We deem it unnecessary to cite further authorities upon this point. The principle lying at the foundation of the doctrine is as old as the common law, and is embodied in the maxim, qui facit per alium,facit per se, and is as applicable to corporations as to individuals. Doubtless, if a servant or agent commit a tort out of the scope of his agency or employment and not connected with it, the principal would not be liable therefor unless he previously authorized or subsequently ratified the act. Such, however, is not the case here.

It is also well established that vindictive or exemplary damages may be given against corporations for the tortious and wrongful acts of their agents. It was so held by this *127court in this case when it was here before. 28 Ind. 1. The following cases may be cited also as in point. The New Orleans, etc., Railroad Company v. Hurst, 36 Miss. 660; The Atlantic and Great Western Railway Company v. Dunn, 19 Ohio St. 162; Goddard v. Grand Trunk Railway, 57 Maine, 202.

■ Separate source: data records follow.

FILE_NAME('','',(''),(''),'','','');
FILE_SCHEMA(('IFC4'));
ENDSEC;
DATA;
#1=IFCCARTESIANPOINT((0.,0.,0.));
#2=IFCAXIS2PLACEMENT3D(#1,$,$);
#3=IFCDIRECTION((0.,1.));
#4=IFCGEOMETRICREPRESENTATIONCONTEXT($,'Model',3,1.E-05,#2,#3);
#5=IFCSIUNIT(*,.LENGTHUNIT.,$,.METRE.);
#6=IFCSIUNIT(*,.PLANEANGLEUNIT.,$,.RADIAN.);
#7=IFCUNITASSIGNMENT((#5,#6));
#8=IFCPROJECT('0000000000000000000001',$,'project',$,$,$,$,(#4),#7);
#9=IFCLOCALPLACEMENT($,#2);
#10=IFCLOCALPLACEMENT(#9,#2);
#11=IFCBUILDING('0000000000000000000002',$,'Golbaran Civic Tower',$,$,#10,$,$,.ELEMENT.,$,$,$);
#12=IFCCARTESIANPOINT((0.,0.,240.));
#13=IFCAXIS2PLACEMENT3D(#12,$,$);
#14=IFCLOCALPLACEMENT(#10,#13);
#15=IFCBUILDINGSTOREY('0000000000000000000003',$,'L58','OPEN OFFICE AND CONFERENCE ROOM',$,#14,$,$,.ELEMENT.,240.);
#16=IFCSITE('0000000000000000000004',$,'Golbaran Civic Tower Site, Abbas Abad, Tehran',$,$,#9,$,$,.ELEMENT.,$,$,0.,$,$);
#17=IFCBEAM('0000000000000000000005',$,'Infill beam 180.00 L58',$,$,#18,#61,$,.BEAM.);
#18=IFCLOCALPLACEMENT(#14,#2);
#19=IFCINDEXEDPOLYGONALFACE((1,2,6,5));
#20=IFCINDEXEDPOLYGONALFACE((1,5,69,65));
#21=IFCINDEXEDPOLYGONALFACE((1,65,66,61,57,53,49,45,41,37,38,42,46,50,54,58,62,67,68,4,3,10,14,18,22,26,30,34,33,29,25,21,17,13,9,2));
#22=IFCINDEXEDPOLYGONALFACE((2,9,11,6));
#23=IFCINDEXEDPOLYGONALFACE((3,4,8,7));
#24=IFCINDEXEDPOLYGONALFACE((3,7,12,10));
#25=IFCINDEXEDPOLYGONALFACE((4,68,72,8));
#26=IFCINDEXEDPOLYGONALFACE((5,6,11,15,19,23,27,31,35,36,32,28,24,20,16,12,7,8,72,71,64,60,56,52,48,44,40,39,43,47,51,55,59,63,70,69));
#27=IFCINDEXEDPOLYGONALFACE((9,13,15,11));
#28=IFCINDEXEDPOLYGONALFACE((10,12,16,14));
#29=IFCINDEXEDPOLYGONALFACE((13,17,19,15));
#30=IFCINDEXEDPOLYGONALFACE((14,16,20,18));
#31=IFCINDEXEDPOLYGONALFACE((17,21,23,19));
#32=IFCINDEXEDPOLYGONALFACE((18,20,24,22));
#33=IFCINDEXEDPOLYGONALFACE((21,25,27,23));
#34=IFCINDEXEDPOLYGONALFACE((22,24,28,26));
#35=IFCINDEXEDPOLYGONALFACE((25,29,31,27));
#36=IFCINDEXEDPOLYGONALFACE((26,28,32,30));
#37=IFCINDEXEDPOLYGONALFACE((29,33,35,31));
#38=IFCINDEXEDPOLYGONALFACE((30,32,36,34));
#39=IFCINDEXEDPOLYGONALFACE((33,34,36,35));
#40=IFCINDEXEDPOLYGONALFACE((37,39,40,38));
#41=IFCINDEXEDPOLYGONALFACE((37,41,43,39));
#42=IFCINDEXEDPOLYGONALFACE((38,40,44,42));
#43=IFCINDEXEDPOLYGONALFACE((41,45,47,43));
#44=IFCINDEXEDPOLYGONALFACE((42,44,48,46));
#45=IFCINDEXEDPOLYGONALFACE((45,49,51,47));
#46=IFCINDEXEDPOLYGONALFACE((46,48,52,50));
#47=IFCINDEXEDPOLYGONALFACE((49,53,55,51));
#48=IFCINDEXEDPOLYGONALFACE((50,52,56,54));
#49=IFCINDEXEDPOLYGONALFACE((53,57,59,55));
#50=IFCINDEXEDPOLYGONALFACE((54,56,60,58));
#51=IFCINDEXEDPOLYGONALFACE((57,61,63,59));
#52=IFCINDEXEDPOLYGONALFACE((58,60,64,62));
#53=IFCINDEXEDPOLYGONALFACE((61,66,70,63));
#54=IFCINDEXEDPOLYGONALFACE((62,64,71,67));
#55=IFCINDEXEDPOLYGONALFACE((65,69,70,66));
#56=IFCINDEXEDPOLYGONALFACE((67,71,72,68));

In the case cited from Mississippi, the plaintiff had taken passage on the defendant’s cars at New Orleans, to be carried to Quin’s Depot in the county of Pike, in the State of Mississippi. The train ran past the depot without stopping, and those having it in charge refused to return to the depot, and compelled the plaintiff to leave the train. For this he sued, and recovered a judgment of four thousand five hundred dollars, and the judgment was affirmed. The court say, amongst other things, “It is the peculiar province of a jury to assess damages, and when, as in actions sounding in damages merely, the law furnishes no legal rule of measurement, save their discretion, under the evidence before them, it is very rare indeed that a court will feel itself justified in setting aside a vei'dict merely for excess. It is not enough that, in the opinion of the court, the damages are too high. It may not rightfully substitute its own sense of what would be a reasonable compensation for ,the injury, for that of the jury. The jury are allowed, and indeed it is their duty, in all such cases, where the law provides no other penalty, to consider the interests of society, as well as justice to the plaintiff, and by their verdict, while they make just compensation for the private injury, also to inflict proper punishment for the disregard of public duty.’’

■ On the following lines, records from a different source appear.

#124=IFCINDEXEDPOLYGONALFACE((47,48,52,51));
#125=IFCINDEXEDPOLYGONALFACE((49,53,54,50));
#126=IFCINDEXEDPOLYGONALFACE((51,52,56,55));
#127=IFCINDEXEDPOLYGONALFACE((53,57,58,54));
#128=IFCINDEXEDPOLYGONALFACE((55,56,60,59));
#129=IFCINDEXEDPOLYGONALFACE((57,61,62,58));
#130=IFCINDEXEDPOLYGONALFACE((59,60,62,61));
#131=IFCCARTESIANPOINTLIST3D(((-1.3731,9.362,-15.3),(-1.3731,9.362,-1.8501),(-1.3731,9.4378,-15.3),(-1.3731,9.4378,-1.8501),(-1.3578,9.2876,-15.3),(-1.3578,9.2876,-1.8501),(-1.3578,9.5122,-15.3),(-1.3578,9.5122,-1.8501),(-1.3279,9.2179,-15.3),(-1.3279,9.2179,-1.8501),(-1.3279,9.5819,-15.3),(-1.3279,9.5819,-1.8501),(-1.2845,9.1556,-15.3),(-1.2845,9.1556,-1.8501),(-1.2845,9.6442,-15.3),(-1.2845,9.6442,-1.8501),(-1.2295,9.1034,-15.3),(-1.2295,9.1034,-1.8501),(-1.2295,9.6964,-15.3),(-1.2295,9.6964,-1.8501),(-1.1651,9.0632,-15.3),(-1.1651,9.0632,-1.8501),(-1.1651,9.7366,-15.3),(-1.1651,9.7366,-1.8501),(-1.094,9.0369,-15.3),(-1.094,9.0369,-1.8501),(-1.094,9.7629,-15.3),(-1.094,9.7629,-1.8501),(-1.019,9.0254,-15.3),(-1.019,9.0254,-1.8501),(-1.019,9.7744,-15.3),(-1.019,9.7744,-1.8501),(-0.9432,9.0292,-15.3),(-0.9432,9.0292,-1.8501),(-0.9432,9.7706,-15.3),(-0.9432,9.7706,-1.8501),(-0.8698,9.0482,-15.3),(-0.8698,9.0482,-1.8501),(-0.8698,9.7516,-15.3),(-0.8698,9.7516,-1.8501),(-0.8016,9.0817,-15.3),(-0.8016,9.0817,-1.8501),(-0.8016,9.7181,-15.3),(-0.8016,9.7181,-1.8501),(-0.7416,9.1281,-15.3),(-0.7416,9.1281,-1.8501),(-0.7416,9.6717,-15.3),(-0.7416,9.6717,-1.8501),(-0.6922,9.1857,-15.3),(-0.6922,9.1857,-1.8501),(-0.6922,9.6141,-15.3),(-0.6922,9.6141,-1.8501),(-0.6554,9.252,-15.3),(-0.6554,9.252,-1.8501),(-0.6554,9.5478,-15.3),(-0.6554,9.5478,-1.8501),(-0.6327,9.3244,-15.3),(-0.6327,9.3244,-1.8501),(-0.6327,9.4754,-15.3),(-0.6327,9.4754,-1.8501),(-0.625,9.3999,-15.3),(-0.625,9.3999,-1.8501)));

The case cited from Maine contains an exhaustive examination of the questions as to the liability of a corporation for the wilful torts of its agents, committed in the course of their employments, and the liability of the corporation to respond in exemplary damages. The questions are discussed on principle, and numerous authorities are collected. The case we regard as an instructive and valuable one.

Goddard was a passenger on one of defendant’s trains of *128cars, A brakeman on the train, who was temporarily acting as conductor, under the false claim that Goddard had not paid his fare, abused him, by words, in a most outrageous manner, applying to him coarse, profane, and insulting epithets, calling him a liar, and menacing and threatening him with great personal violence. For this Goddard sued and recovered a judgment of four thousand eight hundred and fifty dollars; and this judgment, after a very thorough consideration, was affirmed.

S. Stansifer, T. A. Hendricks, O. B. Hord, and A. W. Hendricks, for appellant. R. Hill and G. W. Richardson, for appellee.

We have considered the case as made by the plaintiff’s evidence. There was much evidence introduced by the defendant that tended to show a different state of facts. There was considerable apparent conflict in the evidence, but it was all for the consideration of the jury. We think the court committed no error in either giving or refusing charges; and while the damages assessed seem to be greater than we should expect to be found under the circumstances, we do not, under the well established practice of this court, feel authorized to disturb the verdict of the jury, either on the ground that it was not sustained by the evidence, or that the damages assessed were excessive.

The judgment below is affirmed, with costs.